You can usually get the linker to either remove dead code or assist in its removal, though. "Nearly" dead code is the big pain (e.g. options that are never set but could be).
> I almost feel like given enough time, this could be a JIT: an executable that adaptively strips code and self-minifies over time as you run it. :)
Yes, their tool is getting pretty similar to superoptimization and profile-guided optimization.
(Of course, you don't really want to self-minify over time: what if a new request comes in from a user exercising stripped functionality? You'd have to have some sort of fallback way to retrieve the original unoptimized code.)
For the curious, Farbrausch have a released a lot of their demos and tools source code on GitHub: https://github.com/farbrausch/fr_public
(Also, take a look at the rest of Fabian's blog, it's extremely good.)
Fun read. I didn't realize this was from 2012, but it helps explain that jarring click into the first link for .kkrieger, lol http://www.theprodukkt.com/.

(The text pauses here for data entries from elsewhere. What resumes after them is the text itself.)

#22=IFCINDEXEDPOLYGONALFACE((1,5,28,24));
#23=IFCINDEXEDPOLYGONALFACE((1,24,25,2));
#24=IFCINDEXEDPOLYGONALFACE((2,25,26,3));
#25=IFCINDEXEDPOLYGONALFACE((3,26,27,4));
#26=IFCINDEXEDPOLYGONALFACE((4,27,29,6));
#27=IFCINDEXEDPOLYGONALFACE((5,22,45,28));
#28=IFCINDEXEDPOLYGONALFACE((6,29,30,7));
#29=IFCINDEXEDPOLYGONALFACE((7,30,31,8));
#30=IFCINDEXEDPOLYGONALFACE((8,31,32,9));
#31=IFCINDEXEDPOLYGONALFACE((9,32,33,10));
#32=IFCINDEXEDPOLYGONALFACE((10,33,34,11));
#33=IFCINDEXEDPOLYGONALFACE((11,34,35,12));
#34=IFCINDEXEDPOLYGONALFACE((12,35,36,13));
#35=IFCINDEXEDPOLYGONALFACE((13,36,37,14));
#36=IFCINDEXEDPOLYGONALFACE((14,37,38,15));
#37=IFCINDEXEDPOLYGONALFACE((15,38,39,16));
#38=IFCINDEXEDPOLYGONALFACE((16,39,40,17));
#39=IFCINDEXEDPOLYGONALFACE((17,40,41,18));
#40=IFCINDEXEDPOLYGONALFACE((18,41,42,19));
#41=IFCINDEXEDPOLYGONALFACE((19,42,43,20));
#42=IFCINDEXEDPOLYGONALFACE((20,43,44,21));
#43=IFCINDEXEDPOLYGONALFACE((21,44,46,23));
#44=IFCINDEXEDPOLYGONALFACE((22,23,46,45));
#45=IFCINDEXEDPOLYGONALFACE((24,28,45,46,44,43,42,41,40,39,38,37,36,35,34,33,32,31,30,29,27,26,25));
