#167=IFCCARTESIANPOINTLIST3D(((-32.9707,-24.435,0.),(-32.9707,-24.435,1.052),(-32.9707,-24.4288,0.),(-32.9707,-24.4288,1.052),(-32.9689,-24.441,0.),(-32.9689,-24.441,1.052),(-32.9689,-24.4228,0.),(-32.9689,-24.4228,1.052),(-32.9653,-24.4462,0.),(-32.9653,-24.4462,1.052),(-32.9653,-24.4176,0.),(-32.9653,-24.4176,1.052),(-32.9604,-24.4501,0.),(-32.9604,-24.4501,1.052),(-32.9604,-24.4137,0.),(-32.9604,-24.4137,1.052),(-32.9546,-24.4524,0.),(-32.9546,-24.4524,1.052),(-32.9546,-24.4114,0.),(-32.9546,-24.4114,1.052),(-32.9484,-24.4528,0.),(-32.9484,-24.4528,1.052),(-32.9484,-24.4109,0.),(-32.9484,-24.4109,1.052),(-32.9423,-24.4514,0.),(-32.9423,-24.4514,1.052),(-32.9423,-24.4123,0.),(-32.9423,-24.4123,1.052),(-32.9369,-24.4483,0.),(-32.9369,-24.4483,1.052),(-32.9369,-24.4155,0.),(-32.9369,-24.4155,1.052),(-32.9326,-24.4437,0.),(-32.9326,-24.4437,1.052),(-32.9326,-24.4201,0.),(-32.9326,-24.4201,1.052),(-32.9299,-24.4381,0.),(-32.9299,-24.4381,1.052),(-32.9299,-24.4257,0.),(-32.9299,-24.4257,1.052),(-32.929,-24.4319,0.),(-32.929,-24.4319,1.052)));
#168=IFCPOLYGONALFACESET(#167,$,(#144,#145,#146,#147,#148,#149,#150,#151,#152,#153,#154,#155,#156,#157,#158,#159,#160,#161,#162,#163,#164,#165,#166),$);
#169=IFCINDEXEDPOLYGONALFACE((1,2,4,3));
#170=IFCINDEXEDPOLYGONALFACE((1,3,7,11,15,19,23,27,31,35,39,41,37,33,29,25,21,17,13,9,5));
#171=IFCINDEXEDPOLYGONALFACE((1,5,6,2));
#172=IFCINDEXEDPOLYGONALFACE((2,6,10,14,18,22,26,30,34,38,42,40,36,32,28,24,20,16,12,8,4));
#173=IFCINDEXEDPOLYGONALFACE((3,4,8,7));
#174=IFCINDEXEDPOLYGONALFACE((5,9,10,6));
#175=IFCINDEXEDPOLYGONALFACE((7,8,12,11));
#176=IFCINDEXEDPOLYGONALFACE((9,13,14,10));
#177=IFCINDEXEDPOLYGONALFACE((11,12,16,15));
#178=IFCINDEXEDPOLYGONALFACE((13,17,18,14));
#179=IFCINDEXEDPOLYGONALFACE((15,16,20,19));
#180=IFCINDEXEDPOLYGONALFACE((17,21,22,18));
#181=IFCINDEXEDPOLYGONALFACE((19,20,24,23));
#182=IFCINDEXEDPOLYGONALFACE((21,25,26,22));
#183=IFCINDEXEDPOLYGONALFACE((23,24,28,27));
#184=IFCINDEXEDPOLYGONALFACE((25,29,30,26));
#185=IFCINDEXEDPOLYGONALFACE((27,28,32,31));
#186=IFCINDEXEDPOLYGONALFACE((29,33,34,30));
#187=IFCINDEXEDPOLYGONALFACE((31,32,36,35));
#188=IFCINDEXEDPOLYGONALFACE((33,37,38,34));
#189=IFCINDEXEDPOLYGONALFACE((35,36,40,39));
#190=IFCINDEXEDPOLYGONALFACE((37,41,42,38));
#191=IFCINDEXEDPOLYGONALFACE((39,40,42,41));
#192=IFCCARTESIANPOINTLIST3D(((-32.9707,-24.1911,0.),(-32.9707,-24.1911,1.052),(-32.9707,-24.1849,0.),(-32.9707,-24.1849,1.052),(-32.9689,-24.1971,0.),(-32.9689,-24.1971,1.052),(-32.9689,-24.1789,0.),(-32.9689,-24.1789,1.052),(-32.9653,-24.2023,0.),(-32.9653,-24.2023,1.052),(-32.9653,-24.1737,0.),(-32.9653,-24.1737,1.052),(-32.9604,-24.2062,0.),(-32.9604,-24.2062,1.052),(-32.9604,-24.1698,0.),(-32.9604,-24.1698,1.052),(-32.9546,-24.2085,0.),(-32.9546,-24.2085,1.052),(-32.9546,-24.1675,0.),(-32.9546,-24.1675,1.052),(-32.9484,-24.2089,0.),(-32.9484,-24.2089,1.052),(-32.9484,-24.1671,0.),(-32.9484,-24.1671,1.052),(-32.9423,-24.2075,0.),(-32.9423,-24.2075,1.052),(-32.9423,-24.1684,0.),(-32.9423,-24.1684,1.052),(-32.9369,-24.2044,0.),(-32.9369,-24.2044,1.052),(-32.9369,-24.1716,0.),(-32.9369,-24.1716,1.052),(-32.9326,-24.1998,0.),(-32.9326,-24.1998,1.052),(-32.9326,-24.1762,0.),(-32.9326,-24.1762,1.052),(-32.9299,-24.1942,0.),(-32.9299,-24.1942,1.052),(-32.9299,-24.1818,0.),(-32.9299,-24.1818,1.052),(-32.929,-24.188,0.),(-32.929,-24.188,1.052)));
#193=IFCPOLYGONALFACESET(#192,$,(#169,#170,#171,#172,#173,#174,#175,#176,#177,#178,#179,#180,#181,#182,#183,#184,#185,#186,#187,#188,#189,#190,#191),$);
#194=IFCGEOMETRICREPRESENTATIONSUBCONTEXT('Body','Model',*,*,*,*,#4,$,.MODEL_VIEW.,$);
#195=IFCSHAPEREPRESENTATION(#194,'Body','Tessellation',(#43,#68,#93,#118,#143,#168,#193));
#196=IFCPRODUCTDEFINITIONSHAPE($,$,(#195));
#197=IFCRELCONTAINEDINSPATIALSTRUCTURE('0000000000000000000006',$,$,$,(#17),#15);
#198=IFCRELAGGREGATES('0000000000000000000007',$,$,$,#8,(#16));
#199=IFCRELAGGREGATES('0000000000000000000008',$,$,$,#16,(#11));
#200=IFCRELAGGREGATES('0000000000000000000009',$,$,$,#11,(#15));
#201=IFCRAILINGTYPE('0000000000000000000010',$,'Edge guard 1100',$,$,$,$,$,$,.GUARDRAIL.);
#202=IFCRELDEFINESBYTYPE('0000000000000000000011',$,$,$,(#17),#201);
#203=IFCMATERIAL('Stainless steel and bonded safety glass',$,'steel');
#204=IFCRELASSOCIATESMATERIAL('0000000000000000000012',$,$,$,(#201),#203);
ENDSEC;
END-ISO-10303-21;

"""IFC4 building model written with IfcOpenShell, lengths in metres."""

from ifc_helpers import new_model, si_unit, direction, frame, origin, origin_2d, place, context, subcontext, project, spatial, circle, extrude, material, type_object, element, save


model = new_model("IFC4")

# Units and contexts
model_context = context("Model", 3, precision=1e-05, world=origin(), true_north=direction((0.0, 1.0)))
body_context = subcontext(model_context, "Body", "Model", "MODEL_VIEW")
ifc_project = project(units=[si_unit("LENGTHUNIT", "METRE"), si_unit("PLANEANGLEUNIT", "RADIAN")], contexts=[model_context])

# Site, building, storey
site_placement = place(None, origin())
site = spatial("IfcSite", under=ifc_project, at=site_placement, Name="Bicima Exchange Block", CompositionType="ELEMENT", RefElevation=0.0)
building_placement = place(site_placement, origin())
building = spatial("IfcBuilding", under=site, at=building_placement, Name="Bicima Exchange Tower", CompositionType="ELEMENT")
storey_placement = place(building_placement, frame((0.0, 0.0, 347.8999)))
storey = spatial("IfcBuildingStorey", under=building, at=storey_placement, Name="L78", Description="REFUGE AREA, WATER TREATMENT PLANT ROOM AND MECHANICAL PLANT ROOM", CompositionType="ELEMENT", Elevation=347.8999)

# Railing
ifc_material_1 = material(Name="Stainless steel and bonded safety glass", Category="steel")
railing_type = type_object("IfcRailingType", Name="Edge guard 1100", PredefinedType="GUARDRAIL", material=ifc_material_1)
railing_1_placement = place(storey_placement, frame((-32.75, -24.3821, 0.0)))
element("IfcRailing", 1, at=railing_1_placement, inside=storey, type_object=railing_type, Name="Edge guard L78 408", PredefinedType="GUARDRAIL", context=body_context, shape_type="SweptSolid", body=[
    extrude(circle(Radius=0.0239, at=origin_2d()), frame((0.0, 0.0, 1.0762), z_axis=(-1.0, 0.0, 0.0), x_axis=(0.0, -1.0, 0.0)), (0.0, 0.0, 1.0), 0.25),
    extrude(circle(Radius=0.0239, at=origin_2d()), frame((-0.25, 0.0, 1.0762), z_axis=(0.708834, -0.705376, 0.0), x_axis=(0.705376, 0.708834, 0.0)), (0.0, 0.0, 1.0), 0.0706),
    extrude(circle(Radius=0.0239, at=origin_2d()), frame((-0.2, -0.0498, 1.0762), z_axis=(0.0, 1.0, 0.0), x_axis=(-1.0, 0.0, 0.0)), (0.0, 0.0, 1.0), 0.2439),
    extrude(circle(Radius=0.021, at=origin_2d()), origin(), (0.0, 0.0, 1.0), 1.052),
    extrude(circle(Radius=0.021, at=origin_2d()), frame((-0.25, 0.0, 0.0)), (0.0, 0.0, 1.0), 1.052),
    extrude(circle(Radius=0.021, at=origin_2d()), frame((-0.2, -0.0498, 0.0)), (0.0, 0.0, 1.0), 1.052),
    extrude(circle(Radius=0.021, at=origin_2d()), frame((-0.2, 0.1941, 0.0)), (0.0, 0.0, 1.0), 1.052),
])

More info on it here. http://en.wikipedia.org/wiki/.kkrieger & makmanalp posted a youtube video.
This brings back fond memories of trying to get a 4k under the magic 4096 bytes. You get really good at reusing data.
This is how Go's test coverage tool works, except in the Go case it was easy to do because there are libraries for reading and writing Go source code in the standard library.
Details: http://blog.golang.org/cover
GCC can do it as well, compile your code with --coverage and `gcov -c` will tell you how often each branch was taken.